Он проснулся среди ночи, словно бы от толчка в сердце, и сразу понял, чем эта ночь отличается от других ночей. Все чувства его небывало обострились — в полутьме лазарета он видел до мельчайших подробностей и черты деревянного Христа на стенном распятии, и паутину в углу, пропущенную уборщиком, и ночные синие ветви за решетчатым окном. Он слышал дыхание и едва ли не стук сердец спящих братьев — Николя дышал тяжко, но ровно, Джауфре тихо постанывал по сне… Я умираю, спокойно подумал Гальярд, вглядываясь во тьму и ожидая с необычайной остротой — сам не зная, чего ждет. Страшно ему не было, хотя он и ожидал от себя страха. В груди глубоко и больно сосало — будто сердце разрослось втрое и теперь, огромное, замедляло свой ход. Рука умирающего двинулась к колокольчику — позвать инфирмария, нужно позвать, — но замерла неуверенно на полпути: то, что собиралось произойти, надвигалось все ближе. Господи, молча позвал Гальярд, не имея что сказать, просто взывая в сердечной тьме, как слепой Вартимей: Господи мой, сын Давидов, Ты ли это? Ожидание прорвалось наконец, но не ослепительным светом, а тихим движением, от которого больное сердце Гальярда выдало бешеный скачок. Дверь лазарета открылась — даже, можно сказать, приоткрылась, пропуская высокого и худого человека в хабите брата, и руки Гальярда, забыв о колокольчике, неосознанно, как у младенца, потянулись навстречу ему, прежде чем упасть обратно на одеяло.
Гильем Арнаут, чьим голосом столько лет с Гальярдом говорила его совесть, Гильем Арнаут, человек, которого он более всего в жизни любил, пришел, легкий и стремительный, как всегда, бесконечно свой; и, приближаясь к Гальярдову ложу, он смотрел на старого своего сына так, как никогда не смотрел при жизни: с радостной нежностью.
Сердце умирающего стало таким огромным, что больно давило изнутри на ребра.
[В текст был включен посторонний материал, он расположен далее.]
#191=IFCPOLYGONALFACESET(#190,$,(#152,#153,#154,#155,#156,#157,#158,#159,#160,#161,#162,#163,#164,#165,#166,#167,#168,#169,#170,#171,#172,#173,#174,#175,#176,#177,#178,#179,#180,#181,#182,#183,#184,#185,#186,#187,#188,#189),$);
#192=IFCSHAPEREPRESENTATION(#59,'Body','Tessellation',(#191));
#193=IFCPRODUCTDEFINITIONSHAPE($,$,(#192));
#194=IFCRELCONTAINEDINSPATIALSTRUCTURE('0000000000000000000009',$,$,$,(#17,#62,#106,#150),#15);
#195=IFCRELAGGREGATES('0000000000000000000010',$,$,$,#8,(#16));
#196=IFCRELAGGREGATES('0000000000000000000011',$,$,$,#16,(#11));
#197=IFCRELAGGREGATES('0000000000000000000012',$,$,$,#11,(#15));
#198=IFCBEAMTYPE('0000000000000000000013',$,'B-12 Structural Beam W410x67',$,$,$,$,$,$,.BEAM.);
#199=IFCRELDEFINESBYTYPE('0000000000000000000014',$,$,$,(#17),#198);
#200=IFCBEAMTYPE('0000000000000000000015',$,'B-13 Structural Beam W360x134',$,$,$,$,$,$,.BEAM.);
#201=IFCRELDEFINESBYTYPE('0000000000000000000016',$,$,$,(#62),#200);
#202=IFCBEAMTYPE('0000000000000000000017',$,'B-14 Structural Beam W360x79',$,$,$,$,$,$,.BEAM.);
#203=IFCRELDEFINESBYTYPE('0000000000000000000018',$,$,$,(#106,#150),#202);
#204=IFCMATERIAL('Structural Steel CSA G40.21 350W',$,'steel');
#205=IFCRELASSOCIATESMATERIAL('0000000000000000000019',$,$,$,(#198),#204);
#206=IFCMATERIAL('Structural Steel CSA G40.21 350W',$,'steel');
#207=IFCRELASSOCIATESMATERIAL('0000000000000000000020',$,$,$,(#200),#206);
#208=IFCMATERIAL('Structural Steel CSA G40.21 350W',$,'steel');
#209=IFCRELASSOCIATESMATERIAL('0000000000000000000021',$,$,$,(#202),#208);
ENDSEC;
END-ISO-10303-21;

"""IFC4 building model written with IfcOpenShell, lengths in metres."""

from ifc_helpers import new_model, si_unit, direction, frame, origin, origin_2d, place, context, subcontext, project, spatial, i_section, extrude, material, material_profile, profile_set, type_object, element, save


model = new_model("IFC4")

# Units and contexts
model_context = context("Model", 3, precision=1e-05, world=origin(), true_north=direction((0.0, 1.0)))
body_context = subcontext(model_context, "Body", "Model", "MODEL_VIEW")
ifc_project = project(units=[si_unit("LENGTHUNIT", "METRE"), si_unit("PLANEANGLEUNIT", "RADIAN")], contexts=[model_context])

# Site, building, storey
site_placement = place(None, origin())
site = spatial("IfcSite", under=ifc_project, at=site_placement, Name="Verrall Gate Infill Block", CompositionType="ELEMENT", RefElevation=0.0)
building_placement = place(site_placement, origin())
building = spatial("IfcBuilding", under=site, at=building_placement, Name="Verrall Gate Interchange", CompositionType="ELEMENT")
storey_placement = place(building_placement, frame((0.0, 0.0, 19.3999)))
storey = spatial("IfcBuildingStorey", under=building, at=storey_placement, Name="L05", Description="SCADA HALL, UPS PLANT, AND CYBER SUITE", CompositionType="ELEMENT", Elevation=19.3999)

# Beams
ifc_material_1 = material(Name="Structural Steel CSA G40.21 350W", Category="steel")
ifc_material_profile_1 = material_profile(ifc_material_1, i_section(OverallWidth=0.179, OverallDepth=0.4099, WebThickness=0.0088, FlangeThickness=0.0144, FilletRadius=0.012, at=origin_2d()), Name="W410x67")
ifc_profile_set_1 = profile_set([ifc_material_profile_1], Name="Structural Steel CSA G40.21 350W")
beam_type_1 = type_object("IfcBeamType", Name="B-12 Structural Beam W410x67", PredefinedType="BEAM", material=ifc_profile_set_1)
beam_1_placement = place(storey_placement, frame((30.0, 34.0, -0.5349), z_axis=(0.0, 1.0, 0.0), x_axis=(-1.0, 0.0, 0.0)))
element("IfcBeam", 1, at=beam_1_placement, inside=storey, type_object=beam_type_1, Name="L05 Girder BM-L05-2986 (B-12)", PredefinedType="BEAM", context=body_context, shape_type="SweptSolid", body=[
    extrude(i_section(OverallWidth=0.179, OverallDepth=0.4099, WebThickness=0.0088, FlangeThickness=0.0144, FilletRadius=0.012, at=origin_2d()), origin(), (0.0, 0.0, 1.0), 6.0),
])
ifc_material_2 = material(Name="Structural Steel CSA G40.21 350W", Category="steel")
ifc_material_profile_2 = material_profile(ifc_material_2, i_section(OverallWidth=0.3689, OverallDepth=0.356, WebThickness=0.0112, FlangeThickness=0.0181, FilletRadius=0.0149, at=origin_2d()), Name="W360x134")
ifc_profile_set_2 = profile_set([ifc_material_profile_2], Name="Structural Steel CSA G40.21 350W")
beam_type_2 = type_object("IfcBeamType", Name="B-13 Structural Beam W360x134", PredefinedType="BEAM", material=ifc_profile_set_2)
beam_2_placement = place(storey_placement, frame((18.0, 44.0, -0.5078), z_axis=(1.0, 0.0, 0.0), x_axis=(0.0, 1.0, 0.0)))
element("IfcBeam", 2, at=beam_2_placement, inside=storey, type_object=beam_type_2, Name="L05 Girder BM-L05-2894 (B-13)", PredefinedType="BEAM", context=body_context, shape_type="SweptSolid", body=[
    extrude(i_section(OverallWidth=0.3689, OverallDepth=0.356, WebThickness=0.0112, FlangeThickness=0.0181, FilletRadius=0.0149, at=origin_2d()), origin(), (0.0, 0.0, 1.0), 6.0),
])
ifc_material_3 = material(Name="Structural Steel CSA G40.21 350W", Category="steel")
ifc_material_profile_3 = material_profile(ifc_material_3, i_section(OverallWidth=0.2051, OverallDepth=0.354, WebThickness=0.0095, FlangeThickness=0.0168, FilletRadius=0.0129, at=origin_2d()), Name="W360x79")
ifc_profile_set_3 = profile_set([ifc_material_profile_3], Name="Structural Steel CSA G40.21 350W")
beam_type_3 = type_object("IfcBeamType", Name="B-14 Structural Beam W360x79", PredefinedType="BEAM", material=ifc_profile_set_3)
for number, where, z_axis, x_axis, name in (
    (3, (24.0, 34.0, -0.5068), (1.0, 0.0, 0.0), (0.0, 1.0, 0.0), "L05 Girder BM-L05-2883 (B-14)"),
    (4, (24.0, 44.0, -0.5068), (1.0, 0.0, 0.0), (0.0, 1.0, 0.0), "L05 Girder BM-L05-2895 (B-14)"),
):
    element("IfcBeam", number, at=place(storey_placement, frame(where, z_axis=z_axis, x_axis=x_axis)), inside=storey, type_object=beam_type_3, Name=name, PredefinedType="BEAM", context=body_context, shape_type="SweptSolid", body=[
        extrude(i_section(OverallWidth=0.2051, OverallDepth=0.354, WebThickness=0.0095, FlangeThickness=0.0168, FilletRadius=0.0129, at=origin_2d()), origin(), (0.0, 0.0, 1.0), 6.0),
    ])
Оно же и грело, и жар его был болезнен, но притом наполнял тело винной радостью, позволившей Гальярду, в последние дни не отрывавшему голову от подушки, даже приподняться гостю навстречу.
Гильем Арнаут был уже тут; белая фигура его вроде и не светилась — но сама была таким ярким светом, что Гальярд видел его ясно, как под полуденным солнцем: черные волосы, наконец избавленные от нитей седины, и темную родинку на скуле, полоски бровей, вознесенных под неповторимым углом остроумного и слегка насмешливого покоя, теперь ставшего чистой любовью; и глаза — вновь широко открытые и яркие, такие глаза, что в них и смотреть было невозможно, и невозможно не смотреть. В славе своей он казался много моложе, чем на момент смерти, но все равно неким образом оставался старше Гальярда, и сохранились лучеобразные морщинки смеха от уголков его глаз, хотя лицо и было юным и сияющим, слишком прекрасным, чтобы оторвать взгляд. Теперь Гальярд знал, чем становятся раны: особенно яркий незримый свет облекал его драгоценную голову, собирался напротив сердца и повторял линию губ, особой радостью наполняя уста, из которых некогда руки врагов вырвали славивший Бога язык.